Soldi, Luiz Ricardo; Silva, Marcelo José Barbosa.
Afiliação
  • Soldi LR; Institute of Biomedical Sciences, Federal University of Uberlândia, Uberlândia, MG, Brazil; Tumour Biomarkers and Osteoimmunology Laboratory, Av. Pará - 1720 - Block 6T, Room 07 - District Umuarama, Uberlândia, MG, Brazil. Electronic address: ricksoldi@live.com.
  • Silva MJB; Institute of Biomedical Sciences, Federal University of Uberlândia, Uberlândia, MG, Brazil; Tumour Biomarkers and Osteoimmunology Laboratory, Av. Pará - 1720 - Block 6T, Room 07 - District Umuarama, Uberlândia, MG, Brazil. Electronic address: majbsilva@gmail.com.
Cancer Epidemiol ; 91: 102593, 2024 Aug.
Article em En | MEDLINE | ID: mdl-38815484
ABSTRACT

INTRODUCTION:

Acute myeloid leukemia patients are at high risk for infections, which contribute to increased mortality rates of up to 70%. The use of antimicrobial prophylaxis has been shown to significantly lower rates of infection. Therefore, this retrospective study aimed to evaluate the effect of two agents that showed effective results in the literature, levofloxacin and fluconazole, as prophylaxis strategies in AML patients.

METHODOLOGY:

A total of 85 AML patients' medical records treated with a 7+3 induction chemotherapy protocol in the Cancer Hospital of Uberlândia from 2017 to 2021 were screened and their data was collected. Within these patients, groups for analysis were created based on whether the acting physician included an antibacterial or antifungal prophylaxis protocol during induction. Contingency tables with χ² and odds ratio tests were realized to verify associations between prophylaxis and infection.
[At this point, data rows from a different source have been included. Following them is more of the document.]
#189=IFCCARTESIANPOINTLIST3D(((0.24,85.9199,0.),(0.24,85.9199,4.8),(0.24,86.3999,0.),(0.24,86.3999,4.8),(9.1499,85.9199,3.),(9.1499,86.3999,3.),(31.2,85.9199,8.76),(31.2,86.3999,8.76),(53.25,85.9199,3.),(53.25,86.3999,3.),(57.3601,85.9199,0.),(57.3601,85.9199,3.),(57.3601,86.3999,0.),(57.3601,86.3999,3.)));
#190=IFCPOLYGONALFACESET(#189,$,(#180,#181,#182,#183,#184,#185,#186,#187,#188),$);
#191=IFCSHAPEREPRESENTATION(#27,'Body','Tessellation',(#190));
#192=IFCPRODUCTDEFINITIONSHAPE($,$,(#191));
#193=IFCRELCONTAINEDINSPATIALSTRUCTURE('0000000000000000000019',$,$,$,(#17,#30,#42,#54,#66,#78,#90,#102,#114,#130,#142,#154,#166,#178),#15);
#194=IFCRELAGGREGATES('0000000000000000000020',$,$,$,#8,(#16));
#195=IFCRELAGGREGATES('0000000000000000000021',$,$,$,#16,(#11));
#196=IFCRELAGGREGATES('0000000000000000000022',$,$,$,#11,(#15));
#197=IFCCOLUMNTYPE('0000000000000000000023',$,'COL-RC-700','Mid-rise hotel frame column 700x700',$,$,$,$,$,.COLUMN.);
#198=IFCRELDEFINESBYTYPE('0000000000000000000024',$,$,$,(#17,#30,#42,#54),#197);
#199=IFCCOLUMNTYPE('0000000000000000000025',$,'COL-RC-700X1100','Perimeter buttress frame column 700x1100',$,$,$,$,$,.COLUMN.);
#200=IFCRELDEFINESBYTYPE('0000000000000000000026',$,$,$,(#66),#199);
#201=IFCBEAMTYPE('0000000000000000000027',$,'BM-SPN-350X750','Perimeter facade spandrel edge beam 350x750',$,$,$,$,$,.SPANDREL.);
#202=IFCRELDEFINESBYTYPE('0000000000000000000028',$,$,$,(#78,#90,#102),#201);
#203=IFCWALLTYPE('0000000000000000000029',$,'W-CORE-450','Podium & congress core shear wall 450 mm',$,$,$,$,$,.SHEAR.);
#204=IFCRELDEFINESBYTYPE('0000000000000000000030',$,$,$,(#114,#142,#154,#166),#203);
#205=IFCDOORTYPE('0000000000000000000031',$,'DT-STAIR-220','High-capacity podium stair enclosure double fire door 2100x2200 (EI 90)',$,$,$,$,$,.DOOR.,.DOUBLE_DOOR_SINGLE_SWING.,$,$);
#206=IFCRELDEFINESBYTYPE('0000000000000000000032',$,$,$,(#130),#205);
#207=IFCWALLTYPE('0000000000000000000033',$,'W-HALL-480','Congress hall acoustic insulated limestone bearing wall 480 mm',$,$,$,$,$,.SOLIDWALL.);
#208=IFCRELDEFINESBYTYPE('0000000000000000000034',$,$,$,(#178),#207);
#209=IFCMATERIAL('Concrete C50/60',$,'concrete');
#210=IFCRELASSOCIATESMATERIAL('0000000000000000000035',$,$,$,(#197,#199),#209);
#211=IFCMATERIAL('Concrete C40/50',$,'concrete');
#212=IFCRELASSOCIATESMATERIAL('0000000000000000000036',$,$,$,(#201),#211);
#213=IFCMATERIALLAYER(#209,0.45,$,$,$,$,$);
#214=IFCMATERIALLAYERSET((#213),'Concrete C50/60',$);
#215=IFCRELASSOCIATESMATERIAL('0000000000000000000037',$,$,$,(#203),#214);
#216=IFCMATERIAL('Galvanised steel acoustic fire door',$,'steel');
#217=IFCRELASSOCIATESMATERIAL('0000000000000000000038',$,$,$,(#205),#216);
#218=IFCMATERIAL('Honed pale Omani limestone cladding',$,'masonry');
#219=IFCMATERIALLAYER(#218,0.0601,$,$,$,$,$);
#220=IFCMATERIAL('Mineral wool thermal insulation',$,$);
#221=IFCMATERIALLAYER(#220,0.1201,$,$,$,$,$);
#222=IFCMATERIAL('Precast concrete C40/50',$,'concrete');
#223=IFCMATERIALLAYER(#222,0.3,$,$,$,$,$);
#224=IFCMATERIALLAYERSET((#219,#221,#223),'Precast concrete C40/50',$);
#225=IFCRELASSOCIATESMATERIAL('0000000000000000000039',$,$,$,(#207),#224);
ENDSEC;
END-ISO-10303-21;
Additionally, Kaplan-Meier curves with Cox regression were developed to analyze survival.

RESULTS:

The use of prophylaxis with either fluconazole or levofloxacin did not lower rates of infection, as those who with prophylaxis did not demonstrate significant differences when compared to those without (20.3-29.7%, and 12.3-23.3%, respectively). Patients who suffered a bacterial infection during induction were shown to have lower overall survival, with a similar trend seen in fungal infections.

CONCLUSION:

Bacterial and fungal infections were associated with higher rates of induction mortality and lower overall survival, and prophylaxis using fluconazole and levofloxacin did not present any significant difference in preventing these infections in this study, contrasting results found in the literature. The individuality of each treatment center should be taken into consideration and future studies should be realized to better determine the most effective methods and agents for prophylaxis.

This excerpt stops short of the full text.